# In class exercises - Intro to Pandas Series and DataFrames

## Import libs

In [None]:
import pandas as pd
import numpy as np
import matplotlib.pyplot as plt

# get and store current file path for file i/o later on in tutorial
import os
cwd = os.getcwd()

## First import 'response_time_data.csv' data file
* Contains RTs from 800 trials of a simple detection task from each of 20 subjects
* Organizing into a DataFrame and then saved out in csv format
* The index (row) and column labels are encoded in the csv file, so you'll need to read those in explcitly
* Make sure to have a look at the DataFrame - use the df.head() function

In [None]:
file_name = cwd + '/response_time_data.csv'

# because the row and column labels are already specified, set index_col and header = 0
df = pd.read_csv(file_name, index_col=0, header=0)
df.head()

## Now have a look at the data using built in Padas functionality
* Check out the max/min of each row, standard deviation, percentiles, etc.

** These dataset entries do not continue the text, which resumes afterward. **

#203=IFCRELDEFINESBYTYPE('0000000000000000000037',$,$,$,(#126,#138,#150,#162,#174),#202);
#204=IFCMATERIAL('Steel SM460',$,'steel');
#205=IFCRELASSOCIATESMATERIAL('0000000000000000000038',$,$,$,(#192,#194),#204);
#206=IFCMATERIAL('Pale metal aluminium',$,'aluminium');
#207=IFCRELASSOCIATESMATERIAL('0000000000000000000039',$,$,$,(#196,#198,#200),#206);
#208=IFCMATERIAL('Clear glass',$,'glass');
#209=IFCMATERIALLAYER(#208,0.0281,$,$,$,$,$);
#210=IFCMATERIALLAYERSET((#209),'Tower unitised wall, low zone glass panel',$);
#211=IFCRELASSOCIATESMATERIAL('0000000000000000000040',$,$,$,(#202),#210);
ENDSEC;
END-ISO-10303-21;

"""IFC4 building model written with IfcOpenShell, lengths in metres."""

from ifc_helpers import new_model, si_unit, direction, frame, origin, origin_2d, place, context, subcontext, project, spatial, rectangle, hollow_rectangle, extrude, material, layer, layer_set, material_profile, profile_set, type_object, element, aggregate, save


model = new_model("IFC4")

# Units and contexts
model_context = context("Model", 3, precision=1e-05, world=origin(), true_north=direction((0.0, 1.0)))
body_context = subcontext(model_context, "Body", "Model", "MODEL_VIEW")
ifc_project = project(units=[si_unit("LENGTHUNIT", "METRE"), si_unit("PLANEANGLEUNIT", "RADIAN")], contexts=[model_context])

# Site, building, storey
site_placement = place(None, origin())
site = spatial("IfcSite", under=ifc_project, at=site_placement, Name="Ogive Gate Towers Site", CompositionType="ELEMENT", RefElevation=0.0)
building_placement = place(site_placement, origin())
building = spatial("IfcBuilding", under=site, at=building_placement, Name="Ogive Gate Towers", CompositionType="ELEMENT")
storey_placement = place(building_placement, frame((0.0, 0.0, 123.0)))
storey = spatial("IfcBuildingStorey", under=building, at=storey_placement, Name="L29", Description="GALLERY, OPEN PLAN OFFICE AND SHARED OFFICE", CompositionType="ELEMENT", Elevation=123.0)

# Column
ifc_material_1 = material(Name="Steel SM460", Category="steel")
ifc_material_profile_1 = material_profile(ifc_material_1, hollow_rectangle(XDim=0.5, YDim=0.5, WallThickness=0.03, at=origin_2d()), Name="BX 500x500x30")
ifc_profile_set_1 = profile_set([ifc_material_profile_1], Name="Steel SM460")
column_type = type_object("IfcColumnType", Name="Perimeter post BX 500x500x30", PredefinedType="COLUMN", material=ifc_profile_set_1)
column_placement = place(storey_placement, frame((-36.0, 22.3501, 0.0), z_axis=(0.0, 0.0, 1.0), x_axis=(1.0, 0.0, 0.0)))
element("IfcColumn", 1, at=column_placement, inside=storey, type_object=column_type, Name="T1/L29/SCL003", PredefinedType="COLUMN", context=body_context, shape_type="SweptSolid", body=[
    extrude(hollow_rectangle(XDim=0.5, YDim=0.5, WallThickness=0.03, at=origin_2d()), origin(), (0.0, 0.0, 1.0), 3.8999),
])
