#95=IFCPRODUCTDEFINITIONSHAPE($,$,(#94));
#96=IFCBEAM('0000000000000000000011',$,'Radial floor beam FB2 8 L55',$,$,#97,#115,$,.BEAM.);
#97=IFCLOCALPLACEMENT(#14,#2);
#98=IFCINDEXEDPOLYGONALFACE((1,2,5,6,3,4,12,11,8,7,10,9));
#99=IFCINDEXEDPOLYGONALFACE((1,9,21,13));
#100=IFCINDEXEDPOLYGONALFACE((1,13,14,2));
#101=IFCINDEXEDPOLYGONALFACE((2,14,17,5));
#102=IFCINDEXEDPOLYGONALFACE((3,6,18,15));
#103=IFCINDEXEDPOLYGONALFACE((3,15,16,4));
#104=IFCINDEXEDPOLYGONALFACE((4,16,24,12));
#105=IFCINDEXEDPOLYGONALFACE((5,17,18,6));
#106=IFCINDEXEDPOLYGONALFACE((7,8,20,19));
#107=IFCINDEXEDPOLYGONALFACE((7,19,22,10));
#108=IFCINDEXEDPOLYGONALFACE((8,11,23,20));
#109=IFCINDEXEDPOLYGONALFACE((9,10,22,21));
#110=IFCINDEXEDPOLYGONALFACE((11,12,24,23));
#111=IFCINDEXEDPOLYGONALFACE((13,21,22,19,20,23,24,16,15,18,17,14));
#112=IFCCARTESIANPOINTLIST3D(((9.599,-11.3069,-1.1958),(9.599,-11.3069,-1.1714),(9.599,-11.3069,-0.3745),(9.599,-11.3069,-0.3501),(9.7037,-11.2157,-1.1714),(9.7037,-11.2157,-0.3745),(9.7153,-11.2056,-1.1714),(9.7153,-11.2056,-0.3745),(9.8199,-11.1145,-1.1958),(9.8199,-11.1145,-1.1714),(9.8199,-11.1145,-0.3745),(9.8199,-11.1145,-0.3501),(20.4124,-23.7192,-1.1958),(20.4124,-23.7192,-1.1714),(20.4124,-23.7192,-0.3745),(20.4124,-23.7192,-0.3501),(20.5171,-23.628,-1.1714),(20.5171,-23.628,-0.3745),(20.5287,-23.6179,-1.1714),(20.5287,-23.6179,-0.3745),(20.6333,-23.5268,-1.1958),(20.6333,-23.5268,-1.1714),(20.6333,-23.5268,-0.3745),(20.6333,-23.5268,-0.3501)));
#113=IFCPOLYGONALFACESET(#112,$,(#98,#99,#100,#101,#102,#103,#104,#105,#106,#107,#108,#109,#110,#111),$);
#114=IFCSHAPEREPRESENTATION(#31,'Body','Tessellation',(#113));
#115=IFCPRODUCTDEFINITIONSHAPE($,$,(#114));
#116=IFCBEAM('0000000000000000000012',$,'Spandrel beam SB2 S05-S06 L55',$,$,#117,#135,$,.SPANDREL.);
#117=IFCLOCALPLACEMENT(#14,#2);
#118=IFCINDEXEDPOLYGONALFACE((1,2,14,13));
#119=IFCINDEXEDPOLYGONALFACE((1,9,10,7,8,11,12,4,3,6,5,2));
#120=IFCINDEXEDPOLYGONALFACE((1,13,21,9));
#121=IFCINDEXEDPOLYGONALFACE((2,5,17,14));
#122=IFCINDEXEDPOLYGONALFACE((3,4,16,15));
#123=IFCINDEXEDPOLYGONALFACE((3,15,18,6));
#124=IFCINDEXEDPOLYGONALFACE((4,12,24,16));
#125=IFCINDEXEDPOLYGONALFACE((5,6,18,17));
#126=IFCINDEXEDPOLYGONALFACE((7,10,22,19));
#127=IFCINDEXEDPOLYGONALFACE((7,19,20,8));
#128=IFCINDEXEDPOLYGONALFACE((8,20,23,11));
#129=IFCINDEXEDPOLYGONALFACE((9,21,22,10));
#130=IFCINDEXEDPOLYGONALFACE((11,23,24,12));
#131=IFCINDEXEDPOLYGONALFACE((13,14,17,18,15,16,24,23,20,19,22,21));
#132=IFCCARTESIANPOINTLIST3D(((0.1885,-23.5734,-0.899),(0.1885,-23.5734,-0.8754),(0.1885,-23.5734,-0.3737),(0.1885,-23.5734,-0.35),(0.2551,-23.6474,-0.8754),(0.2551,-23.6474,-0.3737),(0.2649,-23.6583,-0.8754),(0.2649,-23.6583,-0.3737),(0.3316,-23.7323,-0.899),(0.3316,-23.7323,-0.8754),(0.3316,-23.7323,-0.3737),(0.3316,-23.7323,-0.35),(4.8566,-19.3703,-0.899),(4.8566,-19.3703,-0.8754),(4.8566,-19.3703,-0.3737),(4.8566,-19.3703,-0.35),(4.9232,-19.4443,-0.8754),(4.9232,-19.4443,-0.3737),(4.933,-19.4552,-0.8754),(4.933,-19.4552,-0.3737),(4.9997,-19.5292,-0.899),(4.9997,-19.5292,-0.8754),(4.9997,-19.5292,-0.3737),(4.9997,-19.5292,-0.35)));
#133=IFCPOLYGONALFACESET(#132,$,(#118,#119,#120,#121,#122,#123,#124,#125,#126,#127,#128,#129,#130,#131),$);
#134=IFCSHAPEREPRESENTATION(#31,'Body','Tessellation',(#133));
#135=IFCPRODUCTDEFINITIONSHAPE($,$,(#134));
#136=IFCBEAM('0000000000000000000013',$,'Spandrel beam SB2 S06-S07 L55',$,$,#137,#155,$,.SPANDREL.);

## Are there missing values (NaNs) in the data?
* one way: use the np.isnan(df) method from numpy
* combine with np.sum to count the number of NaNs for each subject...

## After you've found the NaNs for each subject, check out this function:
[pandas.DataFrame.interpolate](https://pandas.pydata.org/pandas-docs/stable/generated/pandas.DataFrame.interpolate.html#pandas.DataFrame.interpolate)

* Use this function to interpolate the missing values for each subject (do not interpolate across subjects!)
* Just use linear interpolation...
* reassign to a new df without any NaNs (that is, after you've interpolated across any NaNs)
* Make sure that your new df indeed doesn't have any NaNs in it!

## You can explore the "Missing Values" page for Pandas to figure out other ways of filling in missing values (or outliers)

[page is here](https://pandas.pydata.org/pandas-docs/stable/missing_data.html#missing-data)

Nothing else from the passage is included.